Download and Compile Code Using Github
Clone the repository to your local machine.
git clone https://github.com/ThalesGroup/CipherTrust_Application_Protection.git
Note
This document does not contain all the notebook samples available. For a complete listing please refer to the github.
The database directory has all the code for Databricks.
Ensure that your CipherTrust Manager is configured correctly. This means CipherTrust Manager already configured each of the classes that has a main method which can be used to test locally.
Modify the
udfConfig.properties
file values such asCMUSERID
,CMPWD
, and other necessary settings. For more information onudfConfig.properties
, see Configuration File and Environment Variables.

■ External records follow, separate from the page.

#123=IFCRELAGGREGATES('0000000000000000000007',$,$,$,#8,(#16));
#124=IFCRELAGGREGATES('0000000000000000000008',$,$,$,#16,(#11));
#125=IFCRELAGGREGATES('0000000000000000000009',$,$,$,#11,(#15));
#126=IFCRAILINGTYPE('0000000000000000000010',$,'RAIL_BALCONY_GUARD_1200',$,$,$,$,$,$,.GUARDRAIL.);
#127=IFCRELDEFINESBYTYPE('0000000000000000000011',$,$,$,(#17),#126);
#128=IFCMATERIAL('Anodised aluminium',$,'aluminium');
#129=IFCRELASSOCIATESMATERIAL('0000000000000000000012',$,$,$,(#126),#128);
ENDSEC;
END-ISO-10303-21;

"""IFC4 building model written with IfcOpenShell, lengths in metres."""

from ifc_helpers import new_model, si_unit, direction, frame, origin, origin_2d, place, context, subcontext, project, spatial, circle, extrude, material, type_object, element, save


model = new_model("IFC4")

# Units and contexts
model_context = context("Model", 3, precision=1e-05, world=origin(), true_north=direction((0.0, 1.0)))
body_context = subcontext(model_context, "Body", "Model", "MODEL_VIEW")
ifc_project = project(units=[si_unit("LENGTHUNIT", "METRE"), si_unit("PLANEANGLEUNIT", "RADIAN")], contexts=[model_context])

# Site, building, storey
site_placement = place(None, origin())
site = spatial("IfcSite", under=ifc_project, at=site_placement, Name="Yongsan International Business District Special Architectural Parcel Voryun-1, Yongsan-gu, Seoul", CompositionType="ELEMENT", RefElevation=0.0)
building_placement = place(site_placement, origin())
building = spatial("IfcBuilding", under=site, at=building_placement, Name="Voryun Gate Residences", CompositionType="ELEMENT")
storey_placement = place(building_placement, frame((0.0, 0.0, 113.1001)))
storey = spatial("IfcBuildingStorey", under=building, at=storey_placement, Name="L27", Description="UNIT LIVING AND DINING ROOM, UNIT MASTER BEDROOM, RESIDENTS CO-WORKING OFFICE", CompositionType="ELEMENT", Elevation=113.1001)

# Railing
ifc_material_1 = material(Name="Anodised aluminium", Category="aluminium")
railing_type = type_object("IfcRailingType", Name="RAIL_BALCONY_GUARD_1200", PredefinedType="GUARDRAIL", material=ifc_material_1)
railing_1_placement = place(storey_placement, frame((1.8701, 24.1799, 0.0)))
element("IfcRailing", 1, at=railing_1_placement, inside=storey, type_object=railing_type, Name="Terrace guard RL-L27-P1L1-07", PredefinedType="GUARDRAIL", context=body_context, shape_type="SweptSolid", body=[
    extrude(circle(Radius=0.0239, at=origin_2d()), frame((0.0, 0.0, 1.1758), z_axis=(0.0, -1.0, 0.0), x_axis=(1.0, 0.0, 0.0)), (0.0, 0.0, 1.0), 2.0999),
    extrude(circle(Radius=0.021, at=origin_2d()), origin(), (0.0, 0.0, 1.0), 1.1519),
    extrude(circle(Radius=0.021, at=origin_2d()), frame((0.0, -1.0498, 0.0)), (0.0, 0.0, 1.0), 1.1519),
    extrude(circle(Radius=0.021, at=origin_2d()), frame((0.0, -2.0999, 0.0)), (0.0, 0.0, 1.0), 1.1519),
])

Generate the Jar File to Upload to the Databricks
To compile and generate the target jar file to be uploaded to the Databricks compute platform select the project and choose Run As > maven install to generate the target.
[INFO]
[INFO] --- maven-install-plugin:2.4:install (default-install) @ Thales-Databricks-UDF ---
[INFO] Installing C:\Users\t0185905\workspace\Thales-Databricks-UDF\target\Thales-Databricks-UDF-6.0-SNAPSHOT.jar to C:\Users\t0185905\.m2\repository\Thales\Thales-Databricks-UDF\6.0-SNAPSHOT\Thales-Databricks-UDF-6.0-SNAPSHOT.jar
[INFO] Installing C:\Users\t0185905\workspace\Thales-Databricks-UDF\pom.xml to C:\Users\t0185905\.m2\repository\Thales\Thales-Databricks-UDF\6.0-SNAPSHOT\Thales-Databricks-UDF-6.0-SNAPSHOT.pom
[INFO] Installing C:\Users\t0185905\workspace\Thales-Databricks-UDF\target\Thales-Databricks-UDF-6.0-SNAPSHOT-jar-with-dependencies.jar to C:\Users\t0185905\.m2\repository\Thales\Thales-Databricks-UDF\6.0-SNAPSHOT\Thales-Databricks-UDF-6.0-SNAPSHOT-jar-with-dependencies.jar
[INFO] ------------------------------------------------------------------------
[INFO] BUILD SUCCESS
[INFO] ------------------------------------------------------------------------
[INFO] Total time: 8.482 s
[INFO] Finished at: 2024-10-17T10:28:59-04:00
Configuration File and Environment Variables
The following sample file uses the udfConfig.properties
file in the java project resource directory that must be copied to a file location in databricks.
Sample udfConfig.property
file:
# udfConfig.properties
CMUSER=apiuser
CMPWD=yorupwde!
returnciphertextforuserwithnokeyaccess=yes
CRDPIP=yourcrdpip
keymetadatalocation=external
keymetadata=1001000
protection_profile=alpha-external
protection_profile_alpha_ext=alpha-external
protection_profile_alpha_int=plain-alpha-internal
protection_profile_nbr_int=plain-nbr-internal
protection_profile_nbr_ext=plain-nbr-ext
showrevealinternalkey=yes
BATCHSIZE=20
CRDPUSER=admin
Listed below are the explanations for the configuration file variables required for the Cloud Function.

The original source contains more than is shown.